Here are the final results from all the CV runs

In [39]:
print(f'Ridge Regressor: {round(ridge_randcv.best_score_, 3)}')
print(f'Huber Regressor -1: {round(huber_randcv.best_score_, 3)}')
print(f'Huber Regressor -2: {round(huber_randcv2.best_score_, 3)}')
print(f'Bagging Regressor: {round(bag_randcv.best_score_, 3)}')
print(f'Random Forest Regressor: {round(rf_randcv.best_score_, 3)}')

Ridge Regressor: -25.26
Huber Regressor -1: -25.344
Huber Regressor -2: -25.319
Bagging Regressor: -20.406
Random Forest Regressor: -20.44


We are picking Bagging Ensemble as our final candidate to test the test results.
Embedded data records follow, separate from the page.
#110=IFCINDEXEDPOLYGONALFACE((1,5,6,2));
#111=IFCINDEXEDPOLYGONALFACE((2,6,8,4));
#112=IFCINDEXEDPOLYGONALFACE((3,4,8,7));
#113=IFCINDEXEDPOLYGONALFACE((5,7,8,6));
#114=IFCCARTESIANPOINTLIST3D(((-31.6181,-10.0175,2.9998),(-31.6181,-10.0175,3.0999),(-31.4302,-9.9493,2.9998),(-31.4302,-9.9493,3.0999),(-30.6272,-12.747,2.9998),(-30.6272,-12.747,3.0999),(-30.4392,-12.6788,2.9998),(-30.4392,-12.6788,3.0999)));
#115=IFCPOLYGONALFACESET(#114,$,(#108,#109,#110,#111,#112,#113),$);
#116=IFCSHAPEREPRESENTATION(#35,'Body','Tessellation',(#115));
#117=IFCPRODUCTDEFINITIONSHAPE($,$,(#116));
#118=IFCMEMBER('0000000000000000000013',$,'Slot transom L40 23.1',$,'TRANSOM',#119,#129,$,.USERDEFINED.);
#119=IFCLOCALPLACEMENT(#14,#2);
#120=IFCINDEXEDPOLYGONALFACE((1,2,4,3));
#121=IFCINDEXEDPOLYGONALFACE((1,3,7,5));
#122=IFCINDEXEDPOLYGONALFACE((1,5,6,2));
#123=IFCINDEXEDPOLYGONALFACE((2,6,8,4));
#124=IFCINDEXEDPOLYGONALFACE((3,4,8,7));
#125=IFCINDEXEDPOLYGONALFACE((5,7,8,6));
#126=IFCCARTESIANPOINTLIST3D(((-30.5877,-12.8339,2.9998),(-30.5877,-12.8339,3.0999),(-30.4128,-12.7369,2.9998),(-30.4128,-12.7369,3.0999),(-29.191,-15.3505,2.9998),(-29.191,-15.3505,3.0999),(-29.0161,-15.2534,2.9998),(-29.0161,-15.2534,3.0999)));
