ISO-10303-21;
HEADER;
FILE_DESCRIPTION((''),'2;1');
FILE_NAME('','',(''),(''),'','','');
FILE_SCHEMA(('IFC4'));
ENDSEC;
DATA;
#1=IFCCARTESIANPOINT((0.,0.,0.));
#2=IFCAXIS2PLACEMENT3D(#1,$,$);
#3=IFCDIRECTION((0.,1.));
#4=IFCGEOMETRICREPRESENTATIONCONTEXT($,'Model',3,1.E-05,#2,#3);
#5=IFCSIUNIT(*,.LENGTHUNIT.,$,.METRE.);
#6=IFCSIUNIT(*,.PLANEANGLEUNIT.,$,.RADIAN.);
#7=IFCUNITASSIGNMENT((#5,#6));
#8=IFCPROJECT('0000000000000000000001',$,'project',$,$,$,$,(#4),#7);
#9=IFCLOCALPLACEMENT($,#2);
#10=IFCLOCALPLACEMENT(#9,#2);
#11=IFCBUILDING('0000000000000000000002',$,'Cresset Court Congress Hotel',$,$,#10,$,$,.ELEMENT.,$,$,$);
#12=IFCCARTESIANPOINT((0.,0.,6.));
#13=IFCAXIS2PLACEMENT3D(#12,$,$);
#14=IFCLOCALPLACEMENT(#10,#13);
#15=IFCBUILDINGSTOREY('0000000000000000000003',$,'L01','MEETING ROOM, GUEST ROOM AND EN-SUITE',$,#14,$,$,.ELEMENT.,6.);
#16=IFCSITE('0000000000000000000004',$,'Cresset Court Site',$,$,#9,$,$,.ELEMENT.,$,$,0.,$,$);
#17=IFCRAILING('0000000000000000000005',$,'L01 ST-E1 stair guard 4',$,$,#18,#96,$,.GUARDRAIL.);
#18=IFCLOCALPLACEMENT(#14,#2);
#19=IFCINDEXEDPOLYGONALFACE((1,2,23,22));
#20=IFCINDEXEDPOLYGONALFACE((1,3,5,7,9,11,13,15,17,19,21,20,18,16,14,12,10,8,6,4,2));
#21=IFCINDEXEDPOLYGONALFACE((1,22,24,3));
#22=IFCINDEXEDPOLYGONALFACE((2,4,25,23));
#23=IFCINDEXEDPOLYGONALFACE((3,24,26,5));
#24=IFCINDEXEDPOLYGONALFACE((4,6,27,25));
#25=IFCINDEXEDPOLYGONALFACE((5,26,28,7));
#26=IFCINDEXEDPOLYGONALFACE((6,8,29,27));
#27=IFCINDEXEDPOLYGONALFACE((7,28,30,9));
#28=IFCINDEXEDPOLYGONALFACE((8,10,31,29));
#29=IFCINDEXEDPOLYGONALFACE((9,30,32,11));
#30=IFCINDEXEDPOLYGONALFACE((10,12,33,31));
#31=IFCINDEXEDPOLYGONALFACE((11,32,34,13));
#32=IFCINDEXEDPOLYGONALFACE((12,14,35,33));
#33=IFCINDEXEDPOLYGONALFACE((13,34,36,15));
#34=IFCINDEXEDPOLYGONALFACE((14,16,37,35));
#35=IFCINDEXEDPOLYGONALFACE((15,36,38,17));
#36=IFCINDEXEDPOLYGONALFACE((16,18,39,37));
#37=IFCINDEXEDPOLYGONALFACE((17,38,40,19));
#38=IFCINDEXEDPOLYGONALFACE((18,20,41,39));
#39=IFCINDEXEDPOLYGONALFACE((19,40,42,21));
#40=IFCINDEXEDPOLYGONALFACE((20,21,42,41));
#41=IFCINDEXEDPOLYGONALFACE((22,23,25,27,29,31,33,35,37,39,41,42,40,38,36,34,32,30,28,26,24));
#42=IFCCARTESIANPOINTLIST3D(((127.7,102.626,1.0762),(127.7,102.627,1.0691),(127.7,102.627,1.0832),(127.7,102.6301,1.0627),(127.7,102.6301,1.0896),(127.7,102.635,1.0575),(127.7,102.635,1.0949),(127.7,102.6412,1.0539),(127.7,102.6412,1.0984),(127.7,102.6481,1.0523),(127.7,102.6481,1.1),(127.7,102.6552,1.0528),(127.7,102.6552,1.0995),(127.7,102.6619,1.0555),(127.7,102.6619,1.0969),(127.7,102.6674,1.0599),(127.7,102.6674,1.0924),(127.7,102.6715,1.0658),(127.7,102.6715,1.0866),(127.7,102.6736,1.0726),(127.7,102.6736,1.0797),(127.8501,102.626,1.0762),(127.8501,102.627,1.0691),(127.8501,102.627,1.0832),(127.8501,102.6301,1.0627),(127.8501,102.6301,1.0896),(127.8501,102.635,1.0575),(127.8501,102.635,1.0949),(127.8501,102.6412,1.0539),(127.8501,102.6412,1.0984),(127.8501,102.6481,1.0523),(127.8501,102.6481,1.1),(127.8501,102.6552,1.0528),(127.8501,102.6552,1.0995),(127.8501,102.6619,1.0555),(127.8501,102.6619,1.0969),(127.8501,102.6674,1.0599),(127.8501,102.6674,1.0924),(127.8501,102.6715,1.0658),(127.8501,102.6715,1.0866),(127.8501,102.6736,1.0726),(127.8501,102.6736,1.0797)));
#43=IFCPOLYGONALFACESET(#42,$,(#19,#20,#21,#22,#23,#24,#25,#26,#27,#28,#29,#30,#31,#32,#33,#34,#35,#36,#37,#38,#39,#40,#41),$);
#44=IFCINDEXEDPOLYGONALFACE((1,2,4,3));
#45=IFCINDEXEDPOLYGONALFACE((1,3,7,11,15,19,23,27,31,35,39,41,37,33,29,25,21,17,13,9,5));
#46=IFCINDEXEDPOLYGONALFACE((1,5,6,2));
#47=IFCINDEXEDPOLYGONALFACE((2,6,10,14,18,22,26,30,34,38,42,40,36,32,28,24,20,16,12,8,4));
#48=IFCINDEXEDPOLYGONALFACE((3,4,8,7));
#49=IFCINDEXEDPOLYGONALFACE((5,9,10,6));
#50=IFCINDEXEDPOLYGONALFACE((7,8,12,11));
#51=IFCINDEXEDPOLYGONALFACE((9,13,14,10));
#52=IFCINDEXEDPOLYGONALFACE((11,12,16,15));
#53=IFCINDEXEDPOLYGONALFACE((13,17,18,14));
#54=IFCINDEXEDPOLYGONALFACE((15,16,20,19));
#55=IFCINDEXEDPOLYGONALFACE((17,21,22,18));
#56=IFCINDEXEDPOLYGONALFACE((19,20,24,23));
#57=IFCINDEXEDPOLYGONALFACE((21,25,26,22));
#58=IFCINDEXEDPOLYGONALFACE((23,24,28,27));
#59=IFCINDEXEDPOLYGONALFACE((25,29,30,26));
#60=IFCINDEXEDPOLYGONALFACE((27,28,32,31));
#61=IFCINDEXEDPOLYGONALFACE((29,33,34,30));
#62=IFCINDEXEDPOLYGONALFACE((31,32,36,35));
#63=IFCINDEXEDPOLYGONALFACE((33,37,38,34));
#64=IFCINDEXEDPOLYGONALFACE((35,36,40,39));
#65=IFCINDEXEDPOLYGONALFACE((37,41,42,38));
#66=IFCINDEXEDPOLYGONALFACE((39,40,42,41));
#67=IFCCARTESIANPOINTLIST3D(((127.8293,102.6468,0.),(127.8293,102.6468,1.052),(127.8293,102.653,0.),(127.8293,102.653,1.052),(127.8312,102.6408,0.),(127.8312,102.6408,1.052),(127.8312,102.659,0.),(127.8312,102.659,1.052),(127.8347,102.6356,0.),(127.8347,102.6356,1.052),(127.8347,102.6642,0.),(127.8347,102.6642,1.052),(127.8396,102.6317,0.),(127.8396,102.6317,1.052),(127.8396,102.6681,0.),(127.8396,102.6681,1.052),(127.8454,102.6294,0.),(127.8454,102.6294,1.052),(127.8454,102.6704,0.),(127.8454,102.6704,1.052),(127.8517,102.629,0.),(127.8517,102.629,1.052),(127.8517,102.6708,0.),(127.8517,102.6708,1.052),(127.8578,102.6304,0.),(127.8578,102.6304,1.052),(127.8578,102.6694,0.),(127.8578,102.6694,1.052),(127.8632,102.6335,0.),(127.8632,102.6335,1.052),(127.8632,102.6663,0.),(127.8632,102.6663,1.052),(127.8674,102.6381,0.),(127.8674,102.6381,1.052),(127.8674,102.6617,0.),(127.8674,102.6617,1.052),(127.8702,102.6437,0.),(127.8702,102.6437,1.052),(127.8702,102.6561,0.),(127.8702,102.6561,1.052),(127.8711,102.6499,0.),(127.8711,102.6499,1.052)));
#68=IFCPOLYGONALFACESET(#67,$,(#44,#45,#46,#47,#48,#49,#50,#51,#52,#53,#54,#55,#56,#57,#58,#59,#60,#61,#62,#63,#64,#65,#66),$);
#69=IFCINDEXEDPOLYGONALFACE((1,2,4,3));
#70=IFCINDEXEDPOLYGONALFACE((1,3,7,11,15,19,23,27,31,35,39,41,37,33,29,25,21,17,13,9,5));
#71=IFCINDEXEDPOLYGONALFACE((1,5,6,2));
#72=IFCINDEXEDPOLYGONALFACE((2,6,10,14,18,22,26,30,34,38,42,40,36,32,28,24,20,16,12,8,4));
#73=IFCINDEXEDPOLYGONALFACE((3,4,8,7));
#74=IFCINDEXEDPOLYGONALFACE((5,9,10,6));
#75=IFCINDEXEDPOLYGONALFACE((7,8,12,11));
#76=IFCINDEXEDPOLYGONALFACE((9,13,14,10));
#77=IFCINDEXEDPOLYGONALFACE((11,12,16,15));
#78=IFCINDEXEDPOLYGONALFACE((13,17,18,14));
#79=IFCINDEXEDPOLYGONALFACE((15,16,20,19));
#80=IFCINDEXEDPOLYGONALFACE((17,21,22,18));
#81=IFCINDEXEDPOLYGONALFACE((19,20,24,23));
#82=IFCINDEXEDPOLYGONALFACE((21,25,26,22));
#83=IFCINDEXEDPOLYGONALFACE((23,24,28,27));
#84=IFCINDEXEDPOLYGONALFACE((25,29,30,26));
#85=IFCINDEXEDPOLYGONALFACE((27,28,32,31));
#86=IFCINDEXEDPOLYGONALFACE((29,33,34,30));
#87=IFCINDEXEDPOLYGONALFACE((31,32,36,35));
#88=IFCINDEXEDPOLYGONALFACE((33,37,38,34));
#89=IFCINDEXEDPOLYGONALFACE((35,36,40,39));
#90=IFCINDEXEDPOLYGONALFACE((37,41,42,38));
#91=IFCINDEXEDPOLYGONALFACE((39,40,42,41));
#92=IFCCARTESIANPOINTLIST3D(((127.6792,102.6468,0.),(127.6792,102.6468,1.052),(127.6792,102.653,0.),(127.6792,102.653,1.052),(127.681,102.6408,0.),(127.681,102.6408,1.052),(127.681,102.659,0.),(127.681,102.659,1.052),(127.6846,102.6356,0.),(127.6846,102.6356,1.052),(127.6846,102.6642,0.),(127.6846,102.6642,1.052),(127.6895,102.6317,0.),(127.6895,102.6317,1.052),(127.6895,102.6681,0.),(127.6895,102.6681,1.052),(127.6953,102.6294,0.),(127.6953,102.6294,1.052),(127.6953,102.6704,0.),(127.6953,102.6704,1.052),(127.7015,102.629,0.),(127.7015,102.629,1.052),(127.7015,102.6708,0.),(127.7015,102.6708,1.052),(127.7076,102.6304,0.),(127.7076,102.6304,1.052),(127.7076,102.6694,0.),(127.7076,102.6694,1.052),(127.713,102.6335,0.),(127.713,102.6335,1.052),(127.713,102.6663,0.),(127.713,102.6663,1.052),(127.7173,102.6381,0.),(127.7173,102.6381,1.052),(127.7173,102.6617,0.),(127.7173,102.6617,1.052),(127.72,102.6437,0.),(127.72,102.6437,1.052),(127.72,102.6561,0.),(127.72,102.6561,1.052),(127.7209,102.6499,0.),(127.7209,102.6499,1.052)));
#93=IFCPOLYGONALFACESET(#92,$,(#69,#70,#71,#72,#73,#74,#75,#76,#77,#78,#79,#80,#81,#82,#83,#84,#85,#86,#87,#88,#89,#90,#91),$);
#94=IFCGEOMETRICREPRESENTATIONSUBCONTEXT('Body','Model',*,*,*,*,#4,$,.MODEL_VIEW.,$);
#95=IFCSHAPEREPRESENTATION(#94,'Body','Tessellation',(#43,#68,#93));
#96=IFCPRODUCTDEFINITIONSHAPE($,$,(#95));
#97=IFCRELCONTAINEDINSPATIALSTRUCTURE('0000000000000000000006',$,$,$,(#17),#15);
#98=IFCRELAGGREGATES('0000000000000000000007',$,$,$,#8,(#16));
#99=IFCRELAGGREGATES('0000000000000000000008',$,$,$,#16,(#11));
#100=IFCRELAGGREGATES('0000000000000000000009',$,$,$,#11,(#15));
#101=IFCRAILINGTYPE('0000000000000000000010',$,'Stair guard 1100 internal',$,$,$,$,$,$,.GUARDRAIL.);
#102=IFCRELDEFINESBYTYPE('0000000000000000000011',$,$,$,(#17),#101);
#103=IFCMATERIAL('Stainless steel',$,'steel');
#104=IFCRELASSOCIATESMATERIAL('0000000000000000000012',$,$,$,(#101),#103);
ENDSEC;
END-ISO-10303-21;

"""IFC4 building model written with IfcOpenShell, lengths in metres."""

from ifc_helpers import new_model, si_unit, direction, frame, origin, origin_2d, place, context, subcontext, project, spatial, circle, extrude, material, type_object, element, save


model = new_model("IFC4")

# Units and contexts
model_context = context("Model", 3, precision=1e-05, world=origin(), true_north=direction((0.0, 1.0)))
body_context = subcontext(model_context, "Body", "Model", "MODEL_VIEW")
ifc_project = project(units=[si_unit("LENGTHUNIT", "METRE"), si_unit("PLANEANGLEUNIT", "RADIAN")], contexts=[model_context])

# Site, building, storey
site_placement = place(None, origin())
site = spatial("IfcSite", under=ifc_project, at=site_placement, Name="Cresset Court Site", CompositionType="ELEMENT", RefElevation=0.0)
building_placement = place(site_placement, origin())
building = spatial("IfcBuilding", under=site, at=building_placement, Name="Cresset Court Congress Hotel", CompositionType="ELEMENT")
storey_placement = place(building_placement, frame((0.0, 0.0, 6.0)))
storey = spatial("IfcBuildingStorey", under=building, at=storey_placement, Name="L01", Description="MEETING ROOM, GUEST ROOM AND EN-SUITE", CompositionType="ELEMENT", Elevation=6.0)

# Railing
ifc_material_1 = material(Name="Stainless steel", Category="steel")
railing_type_1 = type_object("IfcRailingType", Name="Stair guard 1100 internal", PredefinedType="GUARDRAIL", material=ifc_material_1)
railing_1_placement = place(storey_placement, frame((127.8501, 102.6499, 0.0)))
element("IfcRailing", 1, at=railing_1_placement, inside=storey, type_object=railing_type_1, Name="L01 ST-E1 stair guard 4", PredefinedType="GUARDRAIL", context=body_context, shape_type="SweptSolid", body=[
    extrude(circle(Radius=0.0239, at=origin_2d()), frame((0.0, 0.0, 1.0762), z_axis=(-1.0, 0.0, 0.0), x_axis=(0.0, -1.0, 0.0)), (0.0, 0.0, 1.0), 0.1501),
    extrude(circle(Radius=0.021, at=origin_2d()), origin(), (0.0, 0.0, 1.0), 1.052),
    extrude(circle(Radius=0.021, at=origin_2d()), frame((-0.1501, 0.0, 0.0)), (0.0, 0.0, 1.0), 1.052),
])

save(model, "model.ifc")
We are using Mean Absolute Error (MAE) here because we would like to correlate that to the song popularity abosulte eorror

In [40]:
bag_randcv.best_params_

{'bag__n_estimators': 150,
 'bag__max_features': 1.0,
 'bag': BaggingRegressor(n_estimators=150, n_jobs=-1)}

In [41]:
model_final = BaggingRegressor(n_estimators=150, max_features = 1.0, n_jobs=-1)
model_final_pipe = Pipeline([('preprocessor', preprocessor),
                ('bag', TransformedTargetRegressor(regressor=model_final,
                                                         transformer=QuantileTransformer(n_quantiles=300,
                                                         output_distribution='normal')))])
model_final_pipe.fit(X_train, y_train)

In [42]:
# Prediction on test set
y_pred = model_final_pipe.predict(X_test)
mae = mean_absolute_error(y_test, y_pred)
print(f"MAE: {mae:.6f}")

MAE: 17.270750


Evaluation Metric
----

Mean absolute error is used to determine how close the predicted popularity score of a song is to the actual populartiy. This metric can be explained as "this model can predict that this song will have a popularity of this number, with a potential of 17 error". Future work will include correlating to  the Billboard top 100 songs. For instance: Taking the existing song title and popularity and comparing to Billboard. With benchmark of these songs and the MAE, the model can predict potential ranking of a song in Billboard based on the song characteristics.